Hello everyone. I see some of my friends made it here and never told me about this place......hmmmmmmmm, lol. Luckily for me I did a prop swap with Zombie recently, and his name in a links section on another forum led me here. I'm a yard haunter here in NJ. I've been doing it to some degree ever since 1977. Yeah, I'm old. I'm looking forward to spending eternity here with you all. Vlad


----------



## RAXL (Jul 9, 2004)

Howdy.


----------



## Lotus (Nov 12, 2004)

Hey Uncle Ken


----------



## Zombie-F (Apr 12, 2004)

Welcome aboard Ken! Now we have two Kens on the site. Could be confusing.


----------



## Vlad (Aug 2, 2005)

Lotus, When I told you to go out and play in the street, I didn't mean Unpleasant St., lol.


----------



## Lotus (Nov 12, 2004)

Well I thought this is what you meant


----------



## Sinister (Apr 18, 2004)

Welcome aboard! I am the other Ken . It's always cool to see someone else that has your name on the board.


----------



## Blackwidow (Jul 9, 2005)

Leave the window open and look who flies in.

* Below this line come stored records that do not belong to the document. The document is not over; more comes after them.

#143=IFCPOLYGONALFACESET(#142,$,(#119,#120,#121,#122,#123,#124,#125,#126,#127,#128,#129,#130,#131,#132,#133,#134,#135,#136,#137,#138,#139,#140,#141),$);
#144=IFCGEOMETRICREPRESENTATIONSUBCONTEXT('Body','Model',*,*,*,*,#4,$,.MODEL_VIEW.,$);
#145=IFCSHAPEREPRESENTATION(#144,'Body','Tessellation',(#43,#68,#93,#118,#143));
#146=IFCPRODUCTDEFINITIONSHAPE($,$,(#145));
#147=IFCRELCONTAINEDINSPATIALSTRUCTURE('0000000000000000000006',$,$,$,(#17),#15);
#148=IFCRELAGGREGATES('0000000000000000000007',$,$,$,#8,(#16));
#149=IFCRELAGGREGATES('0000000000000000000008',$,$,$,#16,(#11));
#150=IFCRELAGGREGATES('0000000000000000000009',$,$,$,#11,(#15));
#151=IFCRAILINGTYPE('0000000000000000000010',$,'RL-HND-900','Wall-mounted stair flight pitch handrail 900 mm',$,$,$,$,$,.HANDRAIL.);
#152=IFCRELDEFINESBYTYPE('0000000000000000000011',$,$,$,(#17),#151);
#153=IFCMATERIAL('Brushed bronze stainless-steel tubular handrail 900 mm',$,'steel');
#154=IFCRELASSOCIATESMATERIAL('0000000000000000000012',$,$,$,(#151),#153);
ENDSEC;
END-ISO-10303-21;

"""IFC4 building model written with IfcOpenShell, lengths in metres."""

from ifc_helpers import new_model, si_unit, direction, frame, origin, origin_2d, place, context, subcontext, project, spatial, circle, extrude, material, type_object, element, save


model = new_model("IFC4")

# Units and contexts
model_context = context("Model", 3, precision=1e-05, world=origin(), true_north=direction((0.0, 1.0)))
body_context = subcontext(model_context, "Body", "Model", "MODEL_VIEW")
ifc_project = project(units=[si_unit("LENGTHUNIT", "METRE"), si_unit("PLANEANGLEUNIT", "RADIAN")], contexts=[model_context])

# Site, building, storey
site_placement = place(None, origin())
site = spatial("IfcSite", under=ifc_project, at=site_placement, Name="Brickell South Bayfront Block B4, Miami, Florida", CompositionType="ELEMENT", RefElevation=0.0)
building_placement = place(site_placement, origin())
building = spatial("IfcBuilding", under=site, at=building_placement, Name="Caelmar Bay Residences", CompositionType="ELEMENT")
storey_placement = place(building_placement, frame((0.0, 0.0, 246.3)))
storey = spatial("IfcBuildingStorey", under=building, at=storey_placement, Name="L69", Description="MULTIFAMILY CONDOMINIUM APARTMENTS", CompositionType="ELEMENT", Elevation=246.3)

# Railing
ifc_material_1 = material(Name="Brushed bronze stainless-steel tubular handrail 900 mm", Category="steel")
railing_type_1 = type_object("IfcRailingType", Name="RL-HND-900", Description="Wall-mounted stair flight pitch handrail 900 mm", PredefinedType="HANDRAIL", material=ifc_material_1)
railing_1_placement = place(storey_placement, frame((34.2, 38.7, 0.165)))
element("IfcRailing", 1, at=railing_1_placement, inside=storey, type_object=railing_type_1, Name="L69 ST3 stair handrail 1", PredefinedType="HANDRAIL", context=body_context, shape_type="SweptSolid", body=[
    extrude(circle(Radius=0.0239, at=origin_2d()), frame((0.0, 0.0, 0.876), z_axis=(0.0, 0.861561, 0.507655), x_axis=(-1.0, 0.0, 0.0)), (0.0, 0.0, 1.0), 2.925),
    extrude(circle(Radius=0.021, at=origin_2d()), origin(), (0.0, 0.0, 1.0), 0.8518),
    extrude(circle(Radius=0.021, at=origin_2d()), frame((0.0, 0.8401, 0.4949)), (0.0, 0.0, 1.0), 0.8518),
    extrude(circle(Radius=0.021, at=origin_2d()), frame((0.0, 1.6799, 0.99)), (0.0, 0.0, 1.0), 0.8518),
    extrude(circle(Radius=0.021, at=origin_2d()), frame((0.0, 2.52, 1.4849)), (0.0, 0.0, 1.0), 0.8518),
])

Hi Vlad, glad you could make it


----------



## Vlad (Aug 2, 2005)

Thanks everyone, it feels like home already.


----------



## feral cat (Jul 27, 2004)

Welcome


----------



## Vlad (Aug 2, 2005)

Thanks feral, I'm glad to be here for sure.


----------



## Blackdawn (Aug 15, 2005)

Glad to see you here Vlad. Already seems like home here on Unpleasant St.


----------



## Zombie-F (Apr 12, 2004)

Hey, welcome aboard Blackdawn. Feel free to say "hi" in your own Welcome Room thread. Nice to see some more familiar faces here.


----------



## Vlad (Aug 2, 2005)

Ditto on my part Blackdawn.


----------



## SuFiKitten77 (Jul 19, 2005)

_Welcome Vlad .. great to have you aboard _


----------



## hollyberry (Aug 24, 2005)

Vlad !!! You Blood Sucker You!!!


----------



## Vlad (Aug 2, 2005)

Holly....Shhhh....You'll give me away, hehehe


----------